He wanted to kill them – kill them for what they made him do, kill them for what they did to him, kill them, kill them, kill them. _Kill, kill, kill_.

The next day, the police probably found three mauled, unrecognizable bodies in the dumpsters of a convenience store in the outskirts of Detroit. He didn’t feel anything from killing those contracted mercenaries. He was actually glad he had an opportunity to vent his rage. After that incident, it seemed like his pursuers thought twice before sending people after him. It was a breather from most of the organizations that were after him, except for one. He avoided his last mission’s party at all costs – he didn’t stop to think why he couldn’t name him Captain America, or by his given name. He couldn’t think about it, not yet.

Gradually, he was able to tame what he felt when the memories were too strong. He couldn’t control his feelings, and he wasn’t entirely sure he’d able to do it in the future. Some memories were too much, too raw, too painful, and most of those were linked to blue eyes. Always blue eyes. He turned away from those fiercely.

He remembered the war when he was still James Buchanan Barnes. He remembered the envelope and the neatly written paragraph that ordered him to go to war. He remembered not wanting to go to war. He remembered wanting to stay. He remembered the despair of knowing he was leaving someone important behind. Those memories exhausted him greatly. His mind went into overdrive, depriving him of sleep, and tiring him to the bones. It seemed that in those days, where he could barely sleep, his last mission – that one who he could not name – seemed more insistent in his endeavor to get to him.

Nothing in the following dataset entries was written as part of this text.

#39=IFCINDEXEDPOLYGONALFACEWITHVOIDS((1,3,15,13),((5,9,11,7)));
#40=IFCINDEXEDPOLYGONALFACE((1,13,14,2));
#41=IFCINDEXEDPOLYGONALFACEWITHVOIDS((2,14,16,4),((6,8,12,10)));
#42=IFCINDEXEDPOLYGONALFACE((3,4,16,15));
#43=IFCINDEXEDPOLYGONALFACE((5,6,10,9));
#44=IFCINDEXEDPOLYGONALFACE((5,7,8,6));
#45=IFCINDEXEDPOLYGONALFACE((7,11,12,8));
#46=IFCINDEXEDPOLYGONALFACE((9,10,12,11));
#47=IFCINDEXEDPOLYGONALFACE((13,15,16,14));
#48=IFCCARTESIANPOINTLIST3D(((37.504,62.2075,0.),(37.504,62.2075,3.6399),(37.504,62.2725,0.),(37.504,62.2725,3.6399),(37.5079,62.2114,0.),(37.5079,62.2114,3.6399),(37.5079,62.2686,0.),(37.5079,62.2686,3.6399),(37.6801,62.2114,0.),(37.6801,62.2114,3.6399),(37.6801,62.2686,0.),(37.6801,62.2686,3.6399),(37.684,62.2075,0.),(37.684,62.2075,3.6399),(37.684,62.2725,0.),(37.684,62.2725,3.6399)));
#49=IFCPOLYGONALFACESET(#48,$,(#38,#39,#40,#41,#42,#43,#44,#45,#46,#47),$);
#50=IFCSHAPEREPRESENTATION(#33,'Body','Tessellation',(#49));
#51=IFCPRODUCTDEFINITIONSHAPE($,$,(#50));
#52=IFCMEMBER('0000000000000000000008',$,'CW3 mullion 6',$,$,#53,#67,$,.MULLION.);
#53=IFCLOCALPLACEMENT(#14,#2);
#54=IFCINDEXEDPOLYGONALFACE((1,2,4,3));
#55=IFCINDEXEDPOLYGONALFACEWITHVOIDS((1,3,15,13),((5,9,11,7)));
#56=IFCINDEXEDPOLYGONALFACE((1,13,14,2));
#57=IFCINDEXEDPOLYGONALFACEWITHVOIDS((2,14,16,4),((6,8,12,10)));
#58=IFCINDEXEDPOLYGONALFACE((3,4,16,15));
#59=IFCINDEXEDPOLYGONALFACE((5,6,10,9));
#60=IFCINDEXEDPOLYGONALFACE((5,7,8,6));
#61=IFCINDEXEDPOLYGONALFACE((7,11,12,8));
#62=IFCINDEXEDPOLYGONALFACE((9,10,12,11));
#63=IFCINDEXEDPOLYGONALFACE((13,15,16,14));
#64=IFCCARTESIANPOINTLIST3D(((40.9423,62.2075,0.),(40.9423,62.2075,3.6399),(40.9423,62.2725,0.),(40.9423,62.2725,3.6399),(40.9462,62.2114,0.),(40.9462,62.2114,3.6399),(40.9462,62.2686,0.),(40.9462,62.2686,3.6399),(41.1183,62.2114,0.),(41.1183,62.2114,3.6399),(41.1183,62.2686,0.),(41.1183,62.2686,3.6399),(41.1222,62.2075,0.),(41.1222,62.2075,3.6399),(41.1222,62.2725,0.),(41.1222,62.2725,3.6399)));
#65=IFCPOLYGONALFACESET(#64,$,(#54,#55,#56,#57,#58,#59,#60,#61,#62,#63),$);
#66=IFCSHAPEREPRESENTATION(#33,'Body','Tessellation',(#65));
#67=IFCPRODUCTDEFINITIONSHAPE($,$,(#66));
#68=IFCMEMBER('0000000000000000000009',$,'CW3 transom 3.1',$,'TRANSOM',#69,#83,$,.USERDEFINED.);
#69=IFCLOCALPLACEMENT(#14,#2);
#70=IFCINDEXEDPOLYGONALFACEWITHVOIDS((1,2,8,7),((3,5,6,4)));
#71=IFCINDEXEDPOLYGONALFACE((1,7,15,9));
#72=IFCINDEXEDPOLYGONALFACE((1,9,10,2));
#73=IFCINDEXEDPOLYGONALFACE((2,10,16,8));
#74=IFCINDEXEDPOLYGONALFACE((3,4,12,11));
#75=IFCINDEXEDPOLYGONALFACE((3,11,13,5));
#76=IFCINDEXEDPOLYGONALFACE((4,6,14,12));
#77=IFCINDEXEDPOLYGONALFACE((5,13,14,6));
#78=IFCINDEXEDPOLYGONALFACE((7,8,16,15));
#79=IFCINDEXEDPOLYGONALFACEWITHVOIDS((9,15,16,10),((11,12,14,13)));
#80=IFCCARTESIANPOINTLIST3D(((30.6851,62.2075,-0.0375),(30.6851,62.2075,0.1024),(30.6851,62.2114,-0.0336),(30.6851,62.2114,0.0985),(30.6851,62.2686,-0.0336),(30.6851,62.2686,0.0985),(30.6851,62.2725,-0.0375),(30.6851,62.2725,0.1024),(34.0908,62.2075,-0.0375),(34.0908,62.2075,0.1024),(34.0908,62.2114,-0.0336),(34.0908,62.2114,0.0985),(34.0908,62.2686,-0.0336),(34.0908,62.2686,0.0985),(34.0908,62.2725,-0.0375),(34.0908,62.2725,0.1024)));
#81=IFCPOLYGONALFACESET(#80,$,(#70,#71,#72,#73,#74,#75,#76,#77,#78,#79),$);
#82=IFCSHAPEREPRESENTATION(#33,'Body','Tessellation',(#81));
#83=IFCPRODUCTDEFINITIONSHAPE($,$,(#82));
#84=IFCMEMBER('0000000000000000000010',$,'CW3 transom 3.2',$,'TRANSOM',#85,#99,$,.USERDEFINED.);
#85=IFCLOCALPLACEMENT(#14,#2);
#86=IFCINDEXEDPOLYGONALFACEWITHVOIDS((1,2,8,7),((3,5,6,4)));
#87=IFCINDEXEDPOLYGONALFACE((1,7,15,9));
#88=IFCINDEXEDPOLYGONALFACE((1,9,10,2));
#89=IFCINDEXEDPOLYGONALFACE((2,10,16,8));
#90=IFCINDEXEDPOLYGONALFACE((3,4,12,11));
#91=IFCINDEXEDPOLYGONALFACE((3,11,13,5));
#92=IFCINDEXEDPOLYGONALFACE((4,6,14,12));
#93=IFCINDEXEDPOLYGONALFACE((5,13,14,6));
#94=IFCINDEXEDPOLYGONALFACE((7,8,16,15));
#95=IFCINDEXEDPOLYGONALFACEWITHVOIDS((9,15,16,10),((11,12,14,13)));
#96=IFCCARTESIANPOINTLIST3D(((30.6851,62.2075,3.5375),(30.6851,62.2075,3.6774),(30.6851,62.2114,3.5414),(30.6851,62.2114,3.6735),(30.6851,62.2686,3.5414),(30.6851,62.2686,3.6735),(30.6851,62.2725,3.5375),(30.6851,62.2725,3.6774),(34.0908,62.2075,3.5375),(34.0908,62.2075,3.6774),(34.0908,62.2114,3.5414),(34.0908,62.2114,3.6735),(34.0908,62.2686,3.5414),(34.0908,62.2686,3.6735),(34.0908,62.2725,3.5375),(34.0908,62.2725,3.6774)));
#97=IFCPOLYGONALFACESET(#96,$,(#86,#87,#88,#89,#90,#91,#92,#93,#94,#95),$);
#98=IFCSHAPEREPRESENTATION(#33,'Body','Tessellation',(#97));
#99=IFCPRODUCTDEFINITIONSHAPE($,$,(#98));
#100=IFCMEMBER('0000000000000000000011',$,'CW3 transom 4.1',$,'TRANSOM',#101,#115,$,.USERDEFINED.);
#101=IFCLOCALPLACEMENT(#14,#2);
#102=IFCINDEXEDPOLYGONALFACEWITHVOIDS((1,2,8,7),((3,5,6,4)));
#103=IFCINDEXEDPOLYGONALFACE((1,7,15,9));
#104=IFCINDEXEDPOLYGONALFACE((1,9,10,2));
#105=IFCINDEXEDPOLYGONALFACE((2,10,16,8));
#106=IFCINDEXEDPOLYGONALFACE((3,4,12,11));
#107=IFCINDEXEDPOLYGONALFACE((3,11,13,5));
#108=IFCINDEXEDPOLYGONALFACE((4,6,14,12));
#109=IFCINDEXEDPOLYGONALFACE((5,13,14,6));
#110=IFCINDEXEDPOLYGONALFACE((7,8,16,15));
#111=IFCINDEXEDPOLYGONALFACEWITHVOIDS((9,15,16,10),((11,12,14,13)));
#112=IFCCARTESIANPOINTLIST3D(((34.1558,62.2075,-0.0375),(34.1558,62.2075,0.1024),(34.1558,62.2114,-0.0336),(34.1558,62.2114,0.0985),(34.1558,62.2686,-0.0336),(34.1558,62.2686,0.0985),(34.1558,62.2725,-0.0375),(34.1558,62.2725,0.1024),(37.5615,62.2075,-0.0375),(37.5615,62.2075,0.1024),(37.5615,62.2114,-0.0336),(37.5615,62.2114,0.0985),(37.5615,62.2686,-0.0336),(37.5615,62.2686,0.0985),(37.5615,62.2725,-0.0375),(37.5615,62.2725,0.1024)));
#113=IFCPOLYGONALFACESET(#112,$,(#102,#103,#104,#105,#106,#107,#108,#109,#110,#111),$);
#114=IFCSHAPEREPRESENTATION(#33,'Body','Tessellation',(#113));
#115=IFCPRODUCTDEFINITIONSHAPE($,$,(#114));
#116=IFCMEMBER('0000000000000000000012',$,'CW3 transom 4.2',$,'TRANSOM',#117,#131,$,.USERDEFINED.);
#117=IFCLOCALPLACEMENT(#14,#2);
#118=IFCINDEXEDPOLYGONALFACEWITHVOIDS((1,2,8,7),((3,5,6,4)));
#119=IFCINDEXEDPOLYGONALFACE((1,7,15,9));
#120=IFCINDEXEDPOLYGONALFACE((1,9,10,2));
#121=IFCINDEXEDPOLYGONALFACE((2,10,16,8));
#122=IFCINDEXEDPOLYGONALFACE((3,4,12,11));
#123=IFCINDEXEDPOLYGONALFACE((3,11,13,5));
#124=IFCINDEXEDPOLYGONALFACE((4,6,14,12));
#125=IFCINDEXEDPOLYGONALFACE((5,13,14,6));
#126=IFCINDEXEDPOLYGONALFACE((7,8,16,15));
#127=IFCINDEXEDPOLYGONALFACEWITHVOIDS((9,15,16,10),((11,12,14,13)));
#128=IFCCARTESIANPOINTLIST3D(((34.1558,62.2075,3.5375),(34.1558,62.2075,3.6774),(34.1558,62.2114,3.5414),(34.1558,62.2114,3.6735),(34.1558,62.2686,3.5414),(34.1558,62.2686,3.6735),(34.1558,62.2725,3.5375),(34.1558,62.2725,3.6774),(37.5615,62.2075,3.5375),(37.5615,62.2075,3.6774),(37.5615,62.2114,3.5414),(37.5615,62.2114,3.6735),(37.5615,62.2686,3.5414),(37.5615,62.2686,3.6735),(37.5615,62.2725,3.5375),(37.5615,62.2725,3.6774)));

One night, he caught his reflection in the mirror of his current residence for the night. A question crossed his mind: Is this me? Soon after, another one appeared as his hand patted his three day-old beard: is this my flesh? And another one: Is this my skin? _Do these hands belong to me?_

He looked down at them with his palms up – one shiny metal, and the other one pale skin. He turned them around lightly, both moving at his command. They moved because he wanted them to move, just like his handlers moved him because they wanted him to move. Was his left arm a borrowed arm, or it was his? He didn’t feel any animosity towards his left arm. He thought, even if he still had his real arm, it wouldn’t have changed anything. He would have still needed two arms to kill. They would have still made him into The Asset, into The Winter Soldier. He didn’t condemn his fake arm, because it was what it was, an arm.

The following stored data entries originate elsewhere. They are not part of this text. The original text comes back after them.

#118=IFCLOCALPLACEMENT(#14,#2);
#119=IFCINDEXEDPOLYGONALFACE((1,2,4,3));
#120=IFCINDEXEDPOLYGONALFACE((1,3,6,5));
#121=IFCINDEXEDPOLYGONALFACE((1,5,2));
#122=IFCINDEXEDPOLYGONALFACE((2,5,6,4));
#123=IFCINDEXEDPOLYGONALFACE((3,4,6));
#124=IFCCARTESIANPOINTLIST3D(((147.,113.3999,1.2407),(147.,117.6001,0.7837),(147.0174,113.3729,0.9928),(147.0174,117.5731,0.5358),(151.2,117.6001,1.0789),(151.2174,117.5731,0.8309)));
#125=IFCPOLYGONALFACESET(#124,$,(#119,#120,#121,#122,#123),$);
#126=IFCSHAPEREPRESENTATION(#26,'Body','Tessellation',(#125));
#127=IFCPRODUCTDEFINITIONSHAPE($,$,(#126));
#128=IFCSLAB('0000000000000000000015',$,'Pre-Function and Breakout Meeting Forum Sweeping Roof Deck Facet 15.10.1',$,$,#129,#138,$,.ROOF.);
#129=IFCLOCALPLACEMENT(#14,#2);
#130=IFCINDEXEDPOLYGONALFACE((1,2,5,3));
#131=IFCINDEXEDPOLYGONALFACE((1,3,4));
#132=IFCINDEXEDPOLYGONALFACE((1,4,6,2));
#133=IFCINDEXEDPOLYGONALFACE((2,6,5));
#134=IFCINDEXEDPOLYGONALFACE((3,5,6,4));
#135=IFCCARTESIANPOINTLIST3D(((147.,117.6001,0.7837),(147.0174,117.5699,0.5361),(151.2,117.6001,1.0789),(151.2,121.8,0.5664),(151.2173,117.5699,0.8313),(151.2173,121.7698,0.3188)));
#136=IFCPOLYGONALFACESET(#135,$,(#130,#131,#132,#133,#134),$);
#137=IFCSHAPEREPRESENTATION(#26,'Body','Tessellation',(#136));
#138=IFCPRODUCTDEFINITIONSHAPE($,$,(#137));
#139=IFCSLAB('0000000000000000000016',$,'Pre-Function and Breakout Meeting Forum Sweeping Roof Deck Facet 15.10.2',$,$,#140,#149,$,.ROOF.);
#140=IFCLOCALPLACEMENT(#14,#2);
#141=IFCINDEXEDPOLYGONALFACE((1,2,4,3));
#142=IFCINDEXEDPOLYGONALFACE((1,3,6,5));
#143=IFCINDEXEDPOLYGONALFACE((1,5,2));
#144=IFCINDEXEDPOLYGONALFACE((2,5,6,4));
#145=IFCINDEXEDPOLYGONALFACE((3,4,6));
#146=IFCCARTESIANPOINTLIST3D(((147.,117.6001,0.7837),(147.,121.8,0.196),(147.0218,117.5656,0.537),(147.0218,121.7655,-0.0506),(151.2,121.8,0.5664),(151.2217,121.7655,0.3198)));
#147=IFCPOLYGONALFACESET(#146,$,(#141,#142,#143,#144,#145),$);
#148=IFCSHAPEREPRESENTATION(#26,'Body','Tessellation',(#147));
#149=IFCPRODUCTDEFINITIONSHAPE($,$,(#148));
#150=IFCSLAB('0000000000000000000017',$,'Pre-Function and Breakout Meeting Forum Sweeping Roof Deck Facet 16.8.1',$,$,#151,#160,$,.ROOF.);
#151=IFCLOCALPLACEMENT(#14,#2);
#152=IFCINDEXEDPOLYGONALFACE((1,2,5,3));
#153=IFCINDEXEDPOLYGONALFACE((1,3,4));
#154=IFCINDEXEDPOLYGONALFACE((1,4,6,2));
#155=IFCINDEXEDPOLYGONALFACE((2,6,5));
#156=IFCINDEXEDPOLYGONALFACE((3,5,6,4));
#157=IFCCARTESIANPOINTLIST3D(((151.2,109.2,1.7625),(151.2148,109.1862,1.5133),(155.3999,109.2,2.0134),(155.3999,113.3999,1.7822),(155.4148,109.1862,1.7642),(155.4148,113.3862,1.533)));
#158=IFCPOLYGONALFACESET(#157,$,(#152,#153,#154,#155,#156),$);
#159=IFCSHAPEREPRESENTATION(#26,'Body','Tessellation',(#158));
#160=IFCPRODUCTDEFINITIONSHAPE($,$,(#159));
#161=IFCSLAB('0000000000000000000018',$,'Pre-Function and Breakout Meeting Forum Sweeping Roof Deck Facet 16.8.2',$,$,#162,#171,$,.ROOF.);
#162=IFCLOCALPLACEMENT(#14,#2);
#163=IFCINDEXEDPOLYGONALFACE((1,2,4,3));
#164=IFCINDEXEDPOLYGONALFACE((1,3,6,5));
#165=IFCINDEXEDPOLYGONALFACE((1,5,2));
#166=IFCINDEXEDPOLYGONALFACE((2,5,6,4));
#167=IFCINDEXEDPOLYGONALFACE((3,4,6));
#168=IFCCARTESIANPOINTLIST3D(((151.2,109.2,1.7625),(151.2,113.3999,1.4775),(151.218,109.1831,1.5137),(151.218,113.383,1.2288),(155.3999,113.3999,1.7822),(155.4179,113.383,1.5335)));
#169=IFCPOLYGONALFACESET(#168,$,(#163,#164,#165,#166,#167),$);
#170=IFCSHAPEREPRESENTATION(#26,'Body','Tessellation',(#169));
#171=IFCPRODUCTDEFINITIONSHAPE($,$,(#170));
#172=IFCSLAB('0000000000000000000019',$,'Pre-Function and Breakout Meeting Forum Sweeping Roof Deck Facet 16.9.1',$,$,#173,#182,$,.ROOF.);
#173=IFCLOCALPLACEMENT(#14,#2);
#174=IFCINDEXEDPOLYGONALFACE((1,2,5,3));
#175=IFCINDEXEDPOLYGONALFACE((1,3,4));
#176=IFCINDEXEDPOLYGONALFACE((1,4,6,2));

That simple sentence uncoiled something within his chest.

It was easier to accept his body after that. Day by day, his body wasn’t just a vessel for his current frayed self. It was something that was his. The entirety of his body, including his scars – his hair, his nails, his eyes, his lips, his voice, his skin, all of it was his to use. He cut his hair one morning; dark brown hair fell down on the tile floor. He looked at his reflection in the mirror. He looked a bit like James Buchanan Barnes, but not entirely. There was something sharp in his eyes, something dark, something dangerous, something weary, something different, a different expression, a different story, a warped, wicked soul. He felt satisfied – not quite content, not quite happy – because everything reflected in that mirror was his, _him_.

He was finally grasping who he was, wearing himself down every night in a religious pilgrimage into the depths of his mind. He had an incredible fortitude. But even someone like him had his limits. He learned about it twelve months after leaving his last mission uncompleted.

He found himself in the same place (the river didn’t have debris anymore), after four days of being pursued and barely avoiding capture. It wasn’t because they were good. It was because he was tired, and that it wasn’t only one team from one organization that was in the chase. It seemed like they had agreed upon a time to pester him, even though he had broken their plans. And bones. Repeatedly.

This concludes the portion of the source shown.